Why does PHP still not handle Unicode?

#1

PHP is arguably the simplest language for server-side programming (as compared with asp.net, C++, Java, JSP, Python, and others). Yet, like many older software tools, it provides only token support for Unicode (it accepts any bytes in a string, it has conversion functions for utf-8 that work with one-byte (ISO-8859-1) characters, it offers a limited set of MB_ string functions, etc.).

But if the programmer wishes to support input or output in human language, and naturally wants to manipulate strings using the PHP string functions, the result is failure. One would think that since the de facto Web standard encoding is utf-8, that PHP would be extended to support utf-8 strings natively. I can’t think of a technical reason why such support cannot be added to Zend and PHP. And I include in that belief the fact that there is no upper bound on the length in bytes of a single Unicode character (which may be outside the BMP or may be a grapheme containing many glyphs).

My primary question is: why has PHP not been extended? Why is there not a PHP directive to switch all the string functions (and any directly supporting code and libraries) so they work with utf-8? And a followup question: is there any known workaround (such as an additional library that is easy to add to Apache+PHP)?

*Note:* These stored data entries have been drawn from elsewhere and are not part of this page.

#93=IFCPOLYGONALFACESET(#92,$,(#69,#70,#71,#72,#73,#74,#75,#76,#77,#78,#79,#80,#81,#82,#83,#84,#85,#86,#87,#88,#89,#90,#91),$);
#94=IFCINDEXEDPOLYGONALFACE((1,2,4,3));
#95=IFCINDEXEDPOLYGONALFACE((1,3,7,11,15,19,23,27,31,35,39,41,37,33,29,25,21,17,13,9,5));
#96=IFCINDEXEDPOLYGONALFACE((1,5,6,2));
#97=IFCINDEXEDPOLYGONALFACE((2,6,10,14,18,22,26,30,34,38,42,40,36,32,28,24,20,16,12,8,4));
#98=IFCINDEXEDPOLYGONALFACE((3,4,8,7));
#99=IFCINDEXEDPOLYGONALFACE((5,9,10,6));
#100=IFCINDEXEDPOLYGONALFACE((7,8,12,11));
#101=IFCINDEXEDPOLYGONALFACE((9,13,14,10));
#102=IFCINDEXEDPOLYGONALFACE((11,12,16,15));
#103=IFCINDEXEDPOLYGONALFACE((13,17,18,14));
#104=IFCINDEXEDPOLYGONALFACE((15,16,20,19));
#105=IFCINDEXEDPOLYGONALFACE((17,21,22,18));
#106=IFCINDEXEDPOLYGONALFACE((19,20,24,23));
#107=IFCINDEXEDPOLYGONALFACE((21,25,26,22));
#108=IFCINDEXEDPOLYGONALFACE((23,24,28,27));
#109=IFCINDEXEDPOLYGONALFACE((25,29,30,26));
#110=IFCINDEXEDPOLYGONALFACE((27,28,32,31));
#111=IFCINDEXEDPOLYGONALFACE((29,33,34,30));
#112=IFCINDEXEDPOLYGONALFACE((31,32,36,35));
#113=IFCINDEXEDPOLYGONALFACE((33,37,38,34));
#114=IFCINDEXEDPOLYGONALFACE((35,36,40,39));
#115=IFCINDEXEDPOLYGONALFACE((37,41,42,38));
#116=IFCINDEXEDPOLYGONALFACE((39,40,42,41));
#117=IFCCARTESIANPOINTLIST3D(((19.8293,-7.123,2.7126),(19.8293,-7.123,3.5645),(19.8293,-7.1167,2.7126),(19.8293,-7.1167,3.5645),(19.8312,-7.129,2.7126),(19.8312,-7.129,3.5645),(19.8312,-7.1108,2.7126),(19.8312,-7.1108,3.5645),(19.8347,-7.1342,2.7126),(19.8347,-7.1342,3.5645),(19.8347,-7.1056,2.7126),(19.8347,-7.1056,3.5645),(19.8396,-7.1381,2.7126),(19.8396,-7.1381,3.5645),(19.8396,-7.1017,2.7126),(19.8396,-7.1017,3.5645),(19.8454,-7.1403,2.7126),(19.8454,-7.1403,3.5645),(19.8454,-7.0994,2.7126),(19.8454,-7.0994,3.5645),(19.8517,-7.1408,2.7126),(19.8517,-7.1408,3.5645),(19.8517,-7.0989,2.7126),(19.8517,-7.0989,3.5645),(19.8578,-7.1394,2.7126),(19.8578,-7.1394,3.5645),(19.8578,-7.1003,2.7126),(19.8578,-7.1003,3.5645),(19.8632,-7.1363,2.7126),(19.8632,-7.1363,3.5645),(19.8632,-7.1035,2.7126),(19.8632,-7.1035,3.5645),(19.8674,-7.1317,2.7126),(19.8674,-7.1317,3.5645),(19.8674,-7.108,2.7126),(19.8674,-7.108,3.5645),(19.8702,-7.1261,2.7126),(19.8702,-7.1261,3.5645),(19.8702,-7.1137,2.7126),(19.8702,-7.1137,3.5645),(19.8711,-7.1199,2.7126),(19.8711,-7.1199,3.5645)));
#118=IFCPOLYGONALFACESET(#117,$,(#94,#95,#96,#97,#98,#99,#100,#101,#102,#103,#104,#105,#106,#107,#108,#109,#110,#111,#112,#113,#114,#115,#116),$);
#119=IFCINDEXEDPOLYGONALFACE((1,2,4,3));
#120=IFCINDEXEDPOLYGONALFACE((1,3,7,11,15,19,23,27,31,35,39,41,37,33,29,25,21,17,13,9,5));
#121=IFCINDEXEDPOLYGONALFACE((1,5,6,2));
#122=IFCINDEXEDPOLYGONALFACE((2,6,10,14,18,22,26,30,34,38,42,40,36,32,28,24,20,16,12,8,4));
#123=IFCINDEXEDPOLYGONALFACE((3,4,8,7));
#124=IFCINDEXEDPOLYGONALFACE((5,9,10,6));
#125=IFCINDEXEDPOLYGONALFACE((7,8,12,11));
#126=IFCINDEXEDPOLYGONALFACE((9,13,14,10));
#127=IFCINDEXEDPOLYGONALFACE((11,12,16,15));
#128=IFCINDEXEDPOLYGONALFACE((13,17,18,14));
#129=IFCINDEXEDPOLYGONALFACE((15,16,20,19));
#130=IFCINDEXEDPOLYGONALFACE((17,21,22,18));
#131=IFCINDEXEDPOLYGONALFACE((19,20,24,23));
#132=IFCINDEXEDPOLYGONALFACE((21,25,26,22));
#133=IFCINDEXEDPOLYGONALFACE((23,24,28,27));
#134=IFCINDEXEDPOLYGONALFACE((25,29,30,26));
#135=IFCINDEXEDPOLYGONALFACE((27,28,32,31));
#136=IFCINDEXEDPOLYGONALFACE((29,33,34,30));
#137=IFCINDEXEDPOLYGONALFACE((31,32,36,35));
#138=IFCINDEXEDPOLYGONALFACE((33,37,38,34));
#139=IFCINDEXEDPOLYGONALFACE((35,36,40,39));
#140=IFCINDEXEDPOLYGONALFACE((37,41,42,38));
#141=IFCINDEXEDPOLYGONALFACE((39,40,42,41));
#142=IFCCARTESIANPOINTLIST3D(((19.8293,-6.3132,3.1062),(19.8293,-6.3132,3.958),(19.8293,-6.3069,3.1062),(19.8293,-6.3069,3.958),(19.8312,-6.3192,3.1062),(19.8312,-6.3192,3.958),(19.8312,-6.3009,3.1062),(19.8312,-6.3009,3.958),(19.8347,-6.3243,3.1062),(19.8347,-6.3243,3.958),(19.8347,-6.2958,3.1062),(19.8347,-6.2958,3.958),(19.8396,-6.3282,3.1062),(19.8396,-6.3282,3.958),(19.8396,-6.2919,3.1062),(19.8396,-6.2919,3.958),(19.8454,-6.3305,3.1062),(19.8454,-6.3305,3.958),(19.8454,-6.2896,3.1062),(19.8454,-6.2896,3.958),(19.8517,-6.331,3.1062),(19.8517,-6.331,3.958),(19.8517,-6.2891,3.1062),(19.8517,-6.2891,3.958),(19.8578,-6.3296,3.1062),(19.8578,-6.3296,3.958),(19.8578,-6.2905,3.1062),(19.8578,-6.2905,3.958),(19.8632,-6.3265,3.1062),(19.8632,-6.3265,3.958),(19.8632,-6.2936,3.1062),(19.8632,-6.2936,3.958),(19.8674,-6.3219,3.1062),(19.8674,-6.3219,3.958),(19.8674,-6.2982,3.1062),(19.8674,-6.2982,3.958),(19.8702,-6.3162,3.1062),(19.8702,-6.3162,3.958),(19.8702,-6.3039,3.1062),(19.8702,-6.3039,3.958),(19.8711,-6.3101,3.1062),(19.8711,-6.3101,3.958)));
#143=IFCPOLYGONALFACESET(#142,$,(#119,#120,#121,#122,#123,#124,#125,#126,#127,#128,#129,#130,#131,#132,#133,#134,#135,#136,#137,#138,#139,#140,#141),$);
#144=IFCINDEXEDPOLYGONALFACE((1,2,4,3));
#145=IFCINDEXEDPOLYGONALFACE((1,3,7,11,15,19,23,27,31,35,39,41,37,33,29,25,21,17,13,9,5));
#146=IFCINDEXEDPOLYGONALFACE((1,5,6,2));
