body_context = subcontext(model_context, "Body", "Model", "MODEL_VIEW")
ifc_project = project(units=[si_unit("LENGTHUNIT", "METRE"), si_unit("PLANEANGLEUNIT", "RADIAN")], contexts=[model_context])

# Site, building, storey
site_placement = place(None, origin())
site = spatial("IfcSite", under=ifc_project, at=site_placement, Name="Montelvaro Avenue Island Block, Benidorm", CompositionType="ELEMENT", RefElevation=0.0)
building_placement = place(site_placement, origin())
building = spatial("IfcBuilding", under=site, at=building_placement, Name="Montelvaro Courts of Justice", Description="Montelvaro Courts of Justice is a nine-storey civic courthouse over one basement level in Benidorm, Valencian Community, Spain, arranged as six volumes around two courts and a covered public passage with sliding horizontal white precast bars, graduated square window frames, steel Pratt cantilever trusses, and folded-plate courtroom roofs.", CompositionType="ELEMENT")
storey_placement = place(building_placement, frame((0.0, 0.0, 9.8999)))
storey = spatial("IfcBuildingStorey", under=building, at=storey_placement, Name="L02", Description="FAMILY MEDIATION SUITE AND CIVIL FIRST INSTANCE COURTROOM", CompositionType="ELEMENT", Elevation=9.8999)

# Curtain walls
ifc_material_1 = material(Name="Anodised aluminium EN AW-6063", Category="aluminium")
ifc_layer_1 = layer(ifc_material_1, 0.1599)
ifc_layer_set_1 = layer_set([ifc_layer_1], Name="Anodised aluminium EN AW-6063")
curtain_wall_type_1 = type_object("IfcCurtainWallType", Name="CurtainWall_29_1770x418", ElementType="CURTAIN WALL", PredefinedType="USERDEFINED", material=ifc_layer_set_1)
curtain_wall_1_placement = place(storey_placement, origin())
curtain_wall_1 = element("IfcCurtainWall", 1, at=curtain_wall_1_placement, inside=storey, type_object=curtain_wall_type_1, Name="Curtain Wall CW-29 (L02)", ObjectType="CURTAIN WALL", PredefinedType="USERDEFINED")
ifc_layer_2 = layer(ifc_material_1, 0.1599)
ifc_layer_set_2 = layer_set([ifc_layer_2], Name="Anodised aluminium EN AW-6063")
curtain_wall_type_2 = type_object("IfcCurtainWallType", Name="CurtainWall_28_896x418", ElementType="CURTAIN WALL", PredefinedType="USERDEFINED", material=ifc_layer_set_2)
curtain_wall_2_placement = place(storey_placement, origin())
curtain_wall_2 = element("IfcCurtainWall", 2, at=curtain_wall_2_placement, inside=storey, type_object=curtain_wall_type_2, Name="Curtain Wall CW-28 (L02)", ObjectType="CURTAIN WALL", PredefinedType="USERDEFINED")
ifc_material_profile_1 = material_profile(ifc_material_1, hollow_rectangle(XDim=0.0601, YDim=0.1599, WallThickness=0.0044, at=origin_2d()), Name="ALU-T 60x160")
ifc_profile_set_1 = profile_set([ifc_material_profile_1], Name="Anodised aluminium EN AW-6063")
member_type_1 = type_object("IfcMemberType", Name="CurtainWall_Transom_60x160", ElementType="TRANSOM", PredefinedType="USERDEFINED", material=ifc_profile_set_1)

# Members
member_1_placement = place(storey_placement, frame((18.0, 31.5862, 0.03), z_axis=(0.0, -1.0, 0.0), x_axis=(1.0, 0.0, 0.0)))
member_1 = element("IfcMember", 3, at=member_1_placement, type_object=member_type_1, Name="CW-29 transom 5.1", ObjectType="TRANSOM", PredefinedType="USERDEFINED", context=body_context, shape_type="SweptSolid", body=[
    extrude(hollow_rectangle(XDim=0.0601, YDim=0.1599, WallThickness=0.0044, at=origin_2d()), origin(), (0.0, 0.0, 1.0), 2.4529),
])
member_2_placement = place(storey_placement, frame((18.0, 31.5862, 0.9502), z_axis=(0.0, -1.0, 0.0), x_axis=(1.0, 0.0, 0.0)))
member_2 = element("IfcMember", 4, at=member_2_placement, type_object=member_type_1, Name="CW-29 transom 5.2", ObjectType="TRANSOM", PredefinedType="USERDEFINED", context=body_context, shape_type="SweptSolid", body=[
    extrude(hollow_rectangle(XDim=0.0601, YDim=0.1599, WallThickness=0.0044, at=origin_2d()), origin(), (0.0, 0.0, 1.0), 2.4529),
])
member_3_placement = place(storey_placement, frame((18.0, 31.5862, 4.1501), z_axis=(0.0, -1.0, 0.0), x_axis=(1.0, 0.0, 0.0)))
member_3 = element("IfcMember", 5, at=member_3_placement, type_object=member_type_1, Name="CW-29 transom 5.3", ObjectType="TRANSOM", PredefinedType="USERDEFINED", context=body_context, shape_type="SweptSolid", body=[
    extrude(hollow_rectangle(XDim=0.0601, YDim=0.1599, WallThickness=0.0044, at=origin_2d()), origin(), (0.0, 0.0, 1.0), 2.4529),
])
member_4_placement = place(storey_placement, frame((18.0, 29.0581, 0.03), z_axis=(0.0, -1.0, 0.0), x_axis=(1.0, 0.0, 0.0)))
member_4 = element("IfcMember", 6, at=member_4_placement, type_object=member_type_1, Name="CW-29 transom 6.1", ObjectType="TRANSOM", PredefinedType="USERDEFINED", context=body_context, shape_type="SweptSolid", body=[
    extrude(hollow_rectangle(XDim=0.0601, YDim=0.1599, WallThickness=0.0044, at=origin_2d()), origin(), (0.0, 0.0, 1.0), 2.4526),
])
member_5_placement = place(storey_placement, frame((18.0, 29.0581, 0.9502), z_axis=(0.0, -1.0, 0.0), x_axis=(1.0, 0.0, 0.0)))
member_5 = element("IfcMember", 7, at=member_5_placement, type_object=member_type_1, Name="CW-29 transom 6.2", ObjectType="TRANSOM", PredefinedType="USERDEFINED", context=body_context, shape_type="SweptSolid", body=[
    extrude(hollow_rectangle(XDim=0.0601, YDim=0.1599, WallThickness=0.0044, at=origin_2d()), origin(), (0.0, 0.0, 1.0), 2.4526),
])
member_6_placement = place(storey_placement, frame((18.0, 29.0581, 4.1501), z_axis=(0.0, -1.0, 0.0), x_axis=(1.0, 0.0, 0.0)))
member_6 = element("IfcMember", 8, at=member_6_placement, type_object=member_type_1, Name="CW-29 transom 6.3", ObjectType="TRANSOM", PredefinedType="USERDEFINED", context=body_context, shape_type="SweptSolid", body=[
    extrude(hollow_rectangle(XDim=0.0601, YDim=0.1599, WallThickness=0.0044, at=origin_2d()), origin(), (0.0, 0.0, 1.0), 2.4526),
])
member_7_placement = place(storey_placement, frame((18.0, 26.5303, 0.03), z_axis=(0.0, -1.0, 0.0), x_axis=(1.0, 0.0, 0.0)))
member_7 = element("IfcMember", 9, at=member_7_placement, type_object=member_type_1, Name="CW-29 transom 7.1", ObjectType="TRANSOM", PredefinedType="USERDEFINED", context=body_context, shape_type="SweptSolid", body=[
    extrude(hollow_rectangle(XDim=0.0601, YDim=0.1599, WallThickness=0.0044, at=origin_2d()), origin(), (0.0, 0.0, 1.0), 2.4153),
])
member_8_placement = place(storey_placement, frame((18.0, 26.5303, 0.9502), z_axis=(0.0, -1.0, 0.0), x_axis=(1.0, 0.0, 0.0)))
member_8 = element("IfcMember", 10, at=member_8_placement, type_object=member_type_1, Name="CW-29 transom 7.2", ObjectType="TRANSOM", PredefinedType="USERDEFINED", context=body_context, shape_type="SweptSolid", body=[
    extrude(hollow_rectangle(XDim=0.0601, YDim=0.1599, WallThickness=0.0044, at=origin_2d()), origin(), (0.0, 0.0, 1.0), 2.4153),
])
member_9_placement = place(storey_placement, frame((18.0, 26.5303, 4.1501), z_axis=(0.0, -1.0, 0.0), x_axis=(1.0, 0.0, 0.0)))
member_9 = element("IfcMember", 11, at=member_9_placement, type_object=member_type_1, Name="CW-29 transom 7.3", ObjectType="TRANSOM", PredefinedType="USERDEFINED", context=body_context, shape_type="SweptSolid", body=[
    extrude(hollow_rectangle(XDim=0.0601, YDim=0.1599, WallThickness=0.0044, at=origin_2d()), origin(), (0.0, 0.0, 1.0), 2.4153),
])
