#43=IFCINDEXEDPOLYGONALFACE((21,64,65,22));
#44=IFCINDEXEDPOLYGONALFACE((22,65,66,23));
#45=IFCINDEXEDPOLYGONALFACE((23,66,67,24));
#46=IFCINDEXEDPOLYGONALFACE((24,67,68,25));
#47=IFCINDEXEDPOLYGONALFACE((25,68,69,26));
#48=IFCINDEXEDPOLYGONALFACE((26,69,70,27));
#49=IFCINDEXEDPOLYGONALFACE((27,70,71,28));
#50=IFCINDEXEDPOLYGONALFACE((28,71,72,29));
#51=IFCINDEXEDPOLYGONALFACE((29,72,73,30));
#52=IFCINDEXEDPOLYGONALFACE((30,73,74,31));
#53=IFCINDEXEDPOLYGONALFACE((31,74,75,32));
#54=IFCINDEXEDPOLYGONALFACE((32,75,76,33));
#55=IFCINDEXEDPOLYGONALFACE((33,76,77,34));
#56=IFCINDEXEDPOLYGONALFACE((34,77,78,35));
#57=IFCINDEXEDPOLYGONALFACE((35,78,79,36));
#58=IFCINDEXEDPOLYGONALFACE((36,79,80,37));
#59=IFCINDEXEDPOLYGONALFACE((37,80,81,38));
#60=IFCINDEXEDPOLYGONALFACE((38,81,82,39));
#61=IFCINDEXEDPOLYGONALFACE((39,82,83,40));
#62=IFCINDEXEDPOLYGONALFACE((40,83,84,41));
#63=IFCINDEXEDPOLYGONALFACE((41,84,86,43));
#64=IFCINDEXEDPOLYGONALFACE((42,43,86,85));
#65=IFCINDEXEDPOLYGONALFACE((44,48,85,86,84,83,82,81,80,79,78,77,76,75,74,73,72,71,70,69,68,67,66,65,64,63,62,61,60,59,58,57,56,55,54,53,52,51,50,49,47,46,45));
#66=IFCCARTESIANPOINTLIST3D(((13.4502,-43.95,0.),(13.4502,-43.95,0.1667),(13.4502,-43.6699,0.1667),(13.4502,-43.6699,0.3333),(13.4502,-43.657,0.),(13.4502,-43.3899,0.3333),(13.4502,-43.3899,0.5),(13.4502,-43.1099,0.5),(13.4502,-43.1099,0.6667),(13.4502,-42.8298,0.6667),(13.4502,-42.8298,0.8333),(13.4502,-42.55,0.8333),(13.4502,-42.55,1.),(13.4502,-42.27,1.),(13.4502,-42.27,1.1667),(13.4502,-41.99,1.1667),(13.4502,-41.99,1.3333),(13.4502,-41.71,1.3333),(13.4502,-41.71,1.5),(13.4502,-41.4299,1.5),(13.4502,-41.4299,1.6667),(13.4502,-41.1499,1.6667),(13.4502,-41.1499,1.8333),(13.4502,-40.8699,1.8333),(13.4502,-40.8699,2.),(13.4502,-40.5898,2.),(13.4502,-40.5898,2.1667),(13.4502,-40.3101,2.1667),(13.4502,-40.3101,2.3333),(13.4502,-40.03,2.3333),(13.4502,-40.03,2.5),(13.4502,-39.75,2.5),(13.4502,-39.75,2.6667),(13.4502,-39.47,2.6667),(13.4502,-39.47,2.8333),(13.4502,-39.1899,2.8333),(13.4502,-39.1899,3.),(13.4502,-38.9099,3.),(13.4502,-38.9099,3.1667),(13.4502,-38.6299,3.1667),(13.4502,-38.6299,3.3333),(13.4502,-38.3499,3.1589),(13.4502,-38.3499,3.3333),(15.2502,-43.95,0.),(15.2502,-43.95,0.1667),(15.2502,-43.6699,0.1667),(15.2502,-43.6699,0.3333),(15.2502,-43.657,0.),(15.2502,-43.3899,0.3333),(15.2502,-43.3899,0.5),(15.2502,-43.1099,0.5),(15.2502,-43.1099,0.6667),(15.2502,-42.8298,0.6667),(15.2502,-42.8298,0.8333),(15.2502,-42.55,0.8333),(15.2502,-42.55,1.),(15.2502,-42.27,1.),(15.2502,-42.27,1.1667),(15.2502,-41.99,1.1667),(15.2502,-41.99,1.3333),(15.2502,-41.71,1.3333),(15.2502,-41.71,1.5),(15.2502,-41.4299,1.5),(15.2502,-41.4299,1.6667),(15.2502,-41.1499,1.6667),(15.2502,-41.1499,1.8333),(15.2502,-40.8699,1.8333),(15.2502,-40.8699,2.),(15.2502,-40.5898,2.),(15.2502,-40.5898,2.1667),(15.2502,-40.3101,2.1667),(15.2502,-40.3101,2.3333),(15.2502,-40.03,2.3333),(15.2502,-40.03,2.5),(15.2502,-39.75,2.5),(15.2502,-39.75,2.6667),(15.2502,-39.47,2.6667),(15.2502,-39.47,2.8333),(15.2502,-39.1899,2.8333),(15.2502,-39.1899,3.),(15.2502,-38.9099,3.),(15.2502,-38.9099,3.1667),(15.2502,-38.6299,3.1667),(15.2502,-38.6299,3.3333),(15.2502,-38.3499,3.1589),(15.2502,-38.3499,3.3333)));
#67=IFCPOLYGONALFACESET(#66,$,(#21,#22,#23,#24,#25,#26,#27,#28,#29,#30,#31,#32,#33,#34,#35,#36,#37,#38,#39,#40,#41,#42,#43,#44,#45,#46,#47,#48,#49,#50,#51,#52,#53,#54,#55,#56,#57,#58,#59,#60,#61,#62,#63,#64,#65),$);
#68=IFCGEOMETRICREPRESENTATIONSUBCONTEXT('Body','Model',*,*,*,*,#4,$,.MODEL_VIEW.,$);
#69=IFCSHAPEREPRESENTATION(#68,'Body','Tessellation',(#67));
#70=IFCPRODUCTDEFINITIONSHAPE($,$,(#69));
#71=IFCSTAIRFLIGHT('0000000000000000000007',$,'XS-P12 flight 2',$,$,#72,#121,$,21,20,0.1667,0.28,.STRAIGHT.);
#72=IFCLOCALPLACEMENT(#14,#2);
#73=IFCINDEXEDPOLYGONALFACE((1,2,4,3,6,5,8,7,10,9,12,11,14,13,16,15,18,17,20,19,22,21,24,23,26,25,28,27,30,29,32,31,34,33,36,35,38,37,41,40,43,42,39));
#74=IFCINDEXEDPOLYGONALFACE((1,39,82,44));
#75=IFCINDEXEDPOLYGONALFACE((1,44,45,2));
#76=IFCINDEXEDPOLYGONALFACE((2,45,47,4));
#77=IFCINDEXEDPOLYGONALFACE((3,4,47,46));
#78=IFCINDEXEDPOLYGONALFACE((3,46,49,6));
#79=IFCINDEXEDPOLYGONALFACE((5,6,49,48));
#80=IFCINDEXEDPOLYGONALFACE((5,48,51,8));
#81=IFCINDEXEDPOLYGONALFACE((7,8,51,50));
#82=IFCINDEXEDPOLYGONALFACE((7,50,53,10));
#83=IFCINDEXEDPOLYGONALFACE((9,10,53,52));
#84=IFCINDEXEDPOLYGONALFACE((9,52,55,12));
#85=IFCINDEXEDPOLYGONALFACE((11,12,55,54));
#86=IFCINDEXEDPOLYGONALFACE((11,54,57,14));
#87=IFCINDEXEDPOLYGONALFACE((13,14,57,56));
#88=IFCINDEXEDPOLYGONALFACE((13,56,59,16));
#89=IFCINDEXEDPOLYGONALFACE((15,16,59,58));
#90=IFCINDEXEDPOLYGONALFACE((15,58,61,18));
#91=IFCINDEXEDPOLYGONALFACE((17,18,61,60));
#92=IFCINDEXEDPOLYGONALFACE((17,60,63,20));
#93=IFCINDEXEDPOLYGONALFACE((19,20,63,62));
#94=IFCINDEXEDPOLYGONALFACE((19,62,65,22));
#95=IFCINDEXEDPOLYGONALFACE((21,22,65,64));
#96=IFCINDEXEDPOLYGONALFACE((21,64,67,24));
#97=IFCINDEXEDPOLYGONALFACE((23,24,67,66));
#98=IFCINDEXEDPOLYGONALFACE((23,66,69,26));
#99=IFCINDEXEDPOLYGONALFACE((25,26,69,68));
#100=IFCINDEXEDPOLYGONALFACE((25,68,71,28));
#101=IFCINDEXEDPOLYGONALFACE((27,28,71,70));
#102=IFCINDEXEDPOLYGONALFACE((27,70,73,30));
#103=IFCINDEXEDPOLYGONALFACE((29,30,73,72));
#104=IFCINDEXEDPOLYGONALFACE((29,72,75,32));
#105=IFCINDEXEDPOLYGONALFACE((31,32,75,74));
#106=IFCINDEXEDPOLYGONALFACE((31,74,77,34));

The days when programmers dealt only with text in their own native language are over. It’s time to have some substantial eggs with our morning toast.

#2

https://www.php.net/manual/en/book.mbstring.php

#3

Thank you. I should have tried out the MB_ functions before assuming they wouldn’t work with utf-8 internal strings. Adding and removing the BOM is certainly not much of a problem.

#4

Ever wonder what happened to php 6? The powers that be spent years trying to basically redesign php from the ground up in order for it handle unicode cleanly. They finally gave up and scraped the entire version.

I might add that I find it strange that you think C++ somehow provides built in support for utf strings.

#5

I never said that. I said that C++ was a server-side programming language. I’m curious if you disagree?

#6

I wrote a small PHP program to read in my favorite UTF-8 test file (no BOM) and to do simple string manipulation using the MB_ string functions. To my pleasant surprise, it worked perfectly. I will try to delete this posting in 24 hours, since I’m obviously wrong!

#7

Wrong? No. Misinformed? Yes. People who often come from another language automatically think PHP is like how majority of the chatter is. It’s actually not. Majority of the chatter are just exaggerated or misinformed comments. I don’t think you should delete your comments or thread. It serves a purpose for others who may have the same concern or opinion about PHP.